Can you take public transport instead of the car?

Your income seems to be a good bit above your outgoings from what you've posted - about €400.

I think you're earning too much for FIS but your partner should definitely examine what benefits s/he is entitled to.


----------



## gipimann (13 Dec 2011)

For FIS, your weekly assessable income must be less than €506 for a family with one child.

Assessable income is calculated as:
Your assessable earnings and your spouse/civil partner/cohabitant's assessable earnings. (Assessible earnings are gross pay minus tax, employee PRSI, Universal Social Charge and superannuation.)

As Dereko said, if your partner is recently unemployed, he may have an entitlement to Jobseeker's Benefit, based on his PRSI contributions.


----------



## niceoneted (13 Dec 2011)

You say you are renting and yet paying high  fuels costs both for car and house. Would it be a possibility to move closer to your work and get a more energy efficient house so as to bring down both house and car fuel costs. 

150 euro a week for food shopping is a lot. You should examine this, I know you prob have nappies and baby stuff but it still seems very high. 
ESB also seems high so make sure to switch stuff off you are not using and also switch to energy efficient bulbs.


----------



## VioletWex (13 Dec 2011)

Well I won't agree with you guys.
I don't know who is doing your shopping but I usually spent over 100 € every week, if I have to buy nappies for my daughter, or some extra products like washing powder etc., it's even more than 100(and I don't buy anything unnecessary)
Oil heating it's extremely expensive so if she wants to have warm in the house there isn't anything suprising that she spend 300 a month (especially if she has a little child).
When I rented a house (it was a corner house) during last winter we spent over 1200 € for oil. This winter will be colder than last one, so I fully understand her concerns.

I agree that your partner should get something from SW, but unfortunately you are not eligible for FIS (cause  your weekly income must be less than €506 for a family with one child).


----------



## Sandals (13 Dec 2011)

aerobubbles said:


> Food is coming in at about 150 every week and thats with me cutting any luxuries.

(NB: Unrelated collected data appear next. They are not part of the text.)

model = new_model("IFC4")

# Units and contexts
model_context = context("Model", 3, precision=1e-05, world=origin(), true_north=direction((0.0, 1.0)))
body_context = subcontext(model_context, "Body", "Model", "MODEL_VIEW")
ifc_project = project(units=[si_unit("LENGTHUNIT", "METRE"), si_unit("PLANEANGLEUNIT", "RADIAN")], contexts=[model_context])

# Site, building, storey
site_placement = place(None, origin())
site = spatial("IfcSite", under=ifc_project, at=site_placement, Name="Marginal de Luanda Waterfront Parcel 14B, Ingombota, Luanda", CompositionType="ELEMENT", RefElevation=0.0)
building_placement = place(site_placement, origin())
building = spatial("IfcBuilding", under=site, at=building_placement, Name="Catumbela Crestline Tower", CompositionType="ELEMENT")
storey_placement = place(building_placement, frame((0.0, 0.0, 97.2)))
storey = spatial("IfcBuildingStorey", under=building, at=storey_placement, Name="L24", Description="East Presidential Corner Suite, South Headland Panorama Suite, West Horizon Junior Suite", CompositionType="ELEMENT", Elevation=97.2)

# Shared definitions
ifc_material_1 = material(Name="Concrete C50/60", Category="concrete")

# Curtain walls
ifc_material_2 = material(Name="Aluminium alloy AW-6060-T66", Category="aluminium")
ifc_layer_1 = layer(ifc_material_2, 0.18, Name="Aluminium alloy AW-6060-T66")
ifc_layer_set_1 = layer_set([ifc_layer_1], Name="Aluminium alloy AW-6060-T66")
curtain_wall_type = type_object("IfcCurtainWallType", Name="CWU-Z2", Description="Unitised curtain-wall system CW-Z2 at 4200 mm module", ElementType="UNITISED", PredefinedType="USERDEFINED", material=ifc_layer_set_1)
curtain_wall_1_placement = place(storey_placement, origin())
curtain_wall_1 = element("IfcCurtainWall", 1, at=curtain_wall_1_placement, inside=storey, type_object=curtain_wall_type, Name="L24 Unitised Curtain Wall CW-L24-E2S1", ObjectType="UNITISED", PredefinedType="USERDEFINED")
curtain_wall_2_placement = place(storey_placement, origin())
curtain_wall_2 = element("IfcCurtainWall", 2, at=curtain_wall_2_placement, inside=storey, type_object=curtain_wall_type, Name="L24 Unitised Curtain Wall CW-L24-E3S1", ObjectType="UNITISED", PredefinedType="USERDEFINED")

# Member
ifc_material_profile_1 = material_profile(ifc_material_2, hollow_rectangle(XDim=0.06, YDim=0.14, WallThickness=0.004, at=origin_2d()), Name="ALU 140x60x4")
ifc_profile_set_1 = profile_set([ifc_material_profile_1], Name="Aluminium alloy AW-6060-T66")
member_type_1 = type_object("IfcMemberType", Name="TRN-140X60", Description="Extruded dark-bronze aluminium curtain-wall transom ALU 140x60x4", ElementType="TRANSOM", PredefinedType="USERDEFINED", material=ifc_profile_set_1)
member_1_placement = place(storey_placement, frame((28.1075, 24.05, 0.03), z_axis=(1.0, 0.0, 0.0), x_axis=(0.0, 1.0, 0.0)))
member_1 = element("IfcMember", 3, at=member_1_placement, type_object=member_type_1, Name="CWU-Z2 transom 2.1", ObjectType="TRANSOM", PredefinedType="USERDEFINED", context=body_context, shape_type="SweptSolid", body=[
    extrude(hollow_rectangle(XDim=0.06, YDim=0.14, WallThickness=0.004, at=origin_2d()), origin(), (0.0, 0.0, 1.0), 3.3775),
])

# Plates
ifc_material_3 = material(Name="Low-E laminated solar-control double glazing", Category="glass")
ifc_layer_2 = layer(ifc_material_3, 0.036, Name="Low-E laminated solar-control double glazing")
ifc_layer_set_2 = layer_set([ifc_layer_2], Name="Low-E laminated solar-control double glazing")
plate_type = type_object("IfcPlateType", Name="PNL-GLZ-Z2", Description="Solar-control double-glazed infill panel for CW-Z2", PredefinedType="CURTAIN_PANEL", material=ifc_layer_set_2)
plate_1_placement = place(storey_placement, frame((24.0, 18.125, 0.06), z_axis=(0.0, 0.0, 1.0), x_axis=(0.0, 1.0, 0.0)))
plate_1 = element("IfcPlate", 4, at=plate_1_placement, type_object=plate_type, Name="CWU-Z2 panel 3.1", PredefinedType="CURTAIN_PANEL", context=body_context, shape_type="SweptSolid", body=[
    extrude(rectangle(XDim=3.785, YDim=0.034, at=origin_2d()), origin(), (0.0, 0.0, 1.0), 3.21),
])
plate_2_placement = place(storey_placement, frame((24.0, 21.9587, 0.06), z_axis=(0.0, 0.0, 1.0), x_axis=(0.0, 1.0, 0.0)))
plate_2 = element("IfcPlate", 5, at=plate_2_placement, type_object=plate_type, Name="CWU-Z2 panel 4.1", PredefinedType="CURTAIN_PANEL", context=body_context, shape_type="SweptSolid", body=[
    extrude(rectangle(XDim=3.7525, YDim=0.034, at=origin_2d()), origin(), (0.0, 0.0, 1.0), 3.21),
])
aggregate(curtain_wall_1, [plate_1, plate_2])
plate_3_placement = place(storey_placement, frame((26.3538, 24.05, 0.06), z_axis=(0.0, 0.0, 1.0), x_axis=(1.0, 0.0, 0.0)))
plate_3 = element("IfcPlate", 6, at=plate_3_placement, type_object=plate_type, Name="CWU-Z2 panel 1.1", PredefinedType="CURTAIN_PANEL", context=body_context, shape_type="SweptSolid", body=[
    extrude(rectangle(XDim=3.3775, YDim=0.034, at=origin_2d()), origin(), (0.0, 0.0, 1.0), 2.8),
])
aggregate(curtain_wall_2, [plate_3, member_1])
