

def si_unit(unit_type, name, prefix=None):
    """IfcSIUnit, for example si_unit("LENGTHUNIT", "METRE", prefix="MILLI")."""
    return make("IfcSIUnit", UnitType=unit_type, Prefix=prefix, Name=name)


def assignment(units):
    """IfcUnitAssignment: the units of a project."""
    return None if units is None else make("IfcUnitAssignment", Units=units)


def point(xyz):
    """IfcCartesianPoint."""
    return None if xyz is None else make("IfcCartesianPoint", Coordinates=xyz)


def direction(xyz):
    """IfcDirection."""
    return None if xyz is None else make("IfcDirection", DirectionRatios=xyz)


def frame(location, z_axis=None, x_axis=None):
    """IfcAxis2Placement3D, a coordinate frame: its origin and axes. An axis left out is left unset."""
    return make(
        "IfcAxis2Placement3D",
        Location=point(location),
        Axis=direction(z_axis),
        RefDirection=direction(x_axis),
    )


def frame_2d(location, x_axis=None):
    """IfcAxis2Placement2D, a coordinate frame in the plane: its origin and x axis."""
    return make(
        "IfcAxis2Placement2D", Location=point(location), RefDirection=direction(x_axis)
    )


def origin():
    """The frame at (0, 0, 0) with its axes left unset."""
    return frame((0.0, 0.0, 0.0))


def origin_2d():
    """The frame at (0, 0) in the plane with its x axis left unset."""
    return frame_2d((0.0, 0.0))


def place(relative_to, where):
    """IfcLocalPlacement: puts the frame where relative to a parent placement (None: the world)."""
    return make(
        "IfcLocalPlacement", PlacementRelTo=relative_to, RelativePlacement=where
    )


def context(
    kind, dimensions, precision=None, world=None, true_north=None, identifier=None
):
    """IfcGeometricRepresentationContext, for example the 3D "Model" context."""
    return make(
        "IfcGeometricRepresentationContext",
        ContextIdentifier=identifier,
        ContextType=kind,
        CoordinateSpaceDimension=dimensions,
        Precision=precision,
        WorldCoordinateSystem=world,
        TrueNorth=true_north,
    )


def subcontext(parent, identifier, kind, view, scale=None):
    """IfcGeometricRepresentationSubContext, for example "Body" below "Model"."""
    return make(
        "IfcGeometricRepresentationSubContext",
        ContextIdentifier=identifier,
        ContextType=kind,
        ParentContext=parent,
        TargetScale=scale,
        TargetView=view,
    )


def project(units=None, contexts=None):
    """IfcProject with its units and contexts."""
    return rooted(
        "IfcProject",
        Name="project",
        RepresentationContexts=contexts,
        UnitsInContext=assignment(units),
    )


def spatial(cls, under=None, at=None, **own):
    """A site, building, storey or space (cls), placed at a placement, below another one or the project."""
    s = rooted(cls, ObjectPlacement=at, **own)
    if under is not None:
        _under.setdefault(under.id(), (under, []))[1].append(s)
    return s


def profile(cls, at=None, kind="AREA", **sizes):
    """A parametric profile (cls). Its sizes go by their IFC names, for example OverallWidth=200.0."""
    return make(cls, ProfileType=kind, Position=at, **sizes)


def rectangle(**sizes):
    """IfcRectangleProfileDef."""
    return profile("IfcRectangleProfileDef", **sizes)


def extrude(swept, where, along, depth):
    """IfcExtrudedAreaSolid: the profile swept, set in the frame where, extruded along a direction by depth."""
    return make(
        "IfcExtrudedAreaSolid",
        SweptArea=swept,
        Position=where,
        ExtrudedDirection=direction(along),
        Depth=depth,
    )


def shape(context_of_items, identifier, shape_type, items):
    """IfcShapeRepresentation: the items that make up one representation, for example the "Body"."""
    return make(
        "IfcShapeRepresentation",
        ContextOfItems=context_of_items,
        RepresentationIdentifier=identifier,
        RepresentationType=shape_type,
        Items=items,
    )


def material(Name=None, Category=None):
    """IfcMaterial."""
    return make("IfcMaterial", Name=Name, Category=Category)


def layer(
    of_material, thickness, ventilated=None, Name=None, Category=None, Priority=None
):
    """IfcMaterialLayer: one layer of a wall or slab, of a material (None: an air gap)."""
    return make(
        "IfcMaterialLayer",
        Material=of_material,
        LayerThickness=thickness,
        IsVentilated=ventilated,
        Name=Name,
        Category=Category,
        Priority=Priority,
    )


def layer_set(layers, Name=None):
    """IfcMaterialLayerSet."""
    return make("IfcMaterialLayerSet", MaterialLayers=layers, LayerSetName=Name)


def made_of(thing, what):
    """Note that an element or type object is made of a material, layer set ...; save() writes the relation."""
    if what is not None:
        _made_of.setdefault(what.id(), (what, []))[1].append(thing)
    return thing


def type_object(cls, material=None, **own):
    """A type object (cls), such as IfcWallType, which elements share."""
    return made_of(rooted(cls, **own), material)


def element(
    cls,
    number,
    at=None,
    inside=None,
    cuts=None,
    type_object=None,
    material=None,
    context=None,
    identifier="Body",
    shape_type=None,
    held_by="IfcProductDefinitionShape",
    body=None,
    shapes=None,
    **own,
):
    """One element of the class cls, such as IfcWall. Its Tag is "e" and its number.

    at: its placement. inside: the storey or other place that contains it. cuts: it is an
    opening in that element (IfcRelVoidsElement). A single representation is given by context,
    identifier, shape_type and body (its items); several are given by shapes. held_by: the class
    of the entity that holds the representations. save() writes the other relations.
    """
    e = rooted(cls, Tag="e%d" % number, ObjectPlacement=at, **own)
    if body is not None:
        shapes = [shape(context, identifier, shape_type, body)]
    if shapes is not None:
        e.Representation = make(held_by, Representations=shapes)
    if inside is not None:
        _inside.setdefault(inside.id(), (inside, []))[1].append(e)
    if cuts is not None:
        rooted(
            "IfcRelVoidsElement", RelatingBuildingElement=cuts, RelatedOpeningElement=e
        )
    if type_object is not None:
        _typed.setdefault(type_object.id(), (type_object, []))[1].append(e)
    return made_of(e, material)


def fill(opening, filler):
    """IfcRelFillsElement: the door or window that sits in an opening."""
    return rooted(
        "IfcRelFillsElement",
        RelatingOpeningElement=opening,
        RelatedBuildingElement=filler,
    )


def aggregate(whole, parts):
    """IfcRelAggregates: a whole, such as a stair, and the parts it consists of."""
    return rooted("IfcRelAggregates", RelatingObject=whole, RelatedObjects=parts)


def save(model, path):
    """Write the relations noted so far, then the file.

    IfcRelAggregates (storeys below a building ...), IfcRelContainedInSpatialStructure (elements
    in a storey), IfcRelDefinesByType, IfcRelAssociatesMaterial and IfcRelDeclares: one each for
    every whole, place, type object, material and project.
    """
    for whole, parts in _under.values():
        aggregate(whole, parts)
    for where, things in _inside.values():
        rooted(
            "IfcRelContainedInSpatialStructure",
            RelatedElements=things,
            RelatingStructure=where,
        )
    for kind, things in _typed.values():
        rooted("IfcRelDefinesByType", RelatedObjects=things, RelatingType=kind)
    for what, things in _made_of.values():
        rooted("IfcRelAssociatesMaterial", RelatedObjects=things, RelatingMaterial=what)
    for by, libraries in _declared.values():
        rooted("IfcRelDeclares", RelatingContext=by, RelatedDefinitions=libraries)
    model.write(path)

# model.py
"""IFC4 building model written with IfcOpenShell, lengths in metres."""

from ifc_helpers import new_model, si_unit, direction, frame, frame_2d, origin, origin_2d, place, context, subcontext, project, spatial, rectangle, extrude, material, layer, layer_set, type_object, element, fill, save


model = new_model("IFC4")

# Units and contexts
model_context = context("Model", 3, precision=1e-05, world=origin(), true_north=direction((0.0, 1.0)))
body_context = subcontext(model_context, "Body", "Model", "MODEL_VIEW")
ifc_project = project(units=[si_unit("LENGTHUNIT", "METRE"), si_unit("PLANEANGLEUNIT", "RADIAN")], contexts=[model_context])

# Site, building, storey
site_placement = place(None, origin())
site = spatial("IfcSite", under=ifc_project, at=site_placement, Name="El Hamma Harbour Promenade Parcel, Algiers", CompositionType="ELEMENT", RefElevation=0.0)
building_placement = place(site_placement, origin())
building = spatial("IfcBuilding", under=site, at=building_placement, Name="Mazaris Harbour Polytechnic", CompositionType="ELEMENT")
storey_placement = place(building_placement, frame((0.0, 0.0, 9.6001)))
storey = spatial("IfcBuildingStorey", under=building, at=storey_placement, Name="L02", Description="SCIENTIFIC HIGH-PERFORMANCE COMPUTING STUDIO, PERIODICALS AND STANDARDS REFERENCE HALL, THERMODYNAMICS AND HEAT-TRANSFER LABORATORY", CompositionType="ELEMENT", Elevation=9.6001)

Extremely high, two parents and three kids (one in nappies) dont spend this much and I do buy luxuries!! Plan your meals healthily e.g. stew with vegetables   works out cheaper than pizza etc.


----------



## aerobubbles (13 Dec 2011)

sandals i take offence to that remark, i pride myself on eating healthly.  i make all our food from scratch, we dont all have a choice as to where we shop we are living in a rural area and my shopping bill is cut to the absolute minimum.  My child has never tasted a pizza, and i cannot remember the last time i had one.  Please if thats the best you can do refrain from stupid simplistic comments


----------



## aerobubbles (13 Dec 2011)

Thanks voilet, i was beginning to think i was the only one living in the real world.  We dont really have a choice as to where we rent, as i mentioned its a rural area there are no houses for rent unless you get rent allowance (rent allowence landlords charge 800 a month in this area and it gets paid no questions asked)


----------



## niceoneted (13 Dec 2011)

You say you are living in rural area can you not move to closer to where you are working which might not be so rural. I would think you are doing 70/80miles round trip a day to work.
This would cut down on fuel may give more choice in renting. 

At the end of the day it is all about choice. I cook everything from scratch myself - including pizza dough sauce the lot very cheaply). It can be done. Bulk buy especially when specials are on on non perishables and stuff you know you'll need - cleaning products.


----------



## Joey1 (14 Dec 2011)

I think your food bill is way too high, I spend about 20 more than that for a family of 6, one in nappies and a dog. Do you use a meal planner?

Why do you chose to rent so far from you place of work?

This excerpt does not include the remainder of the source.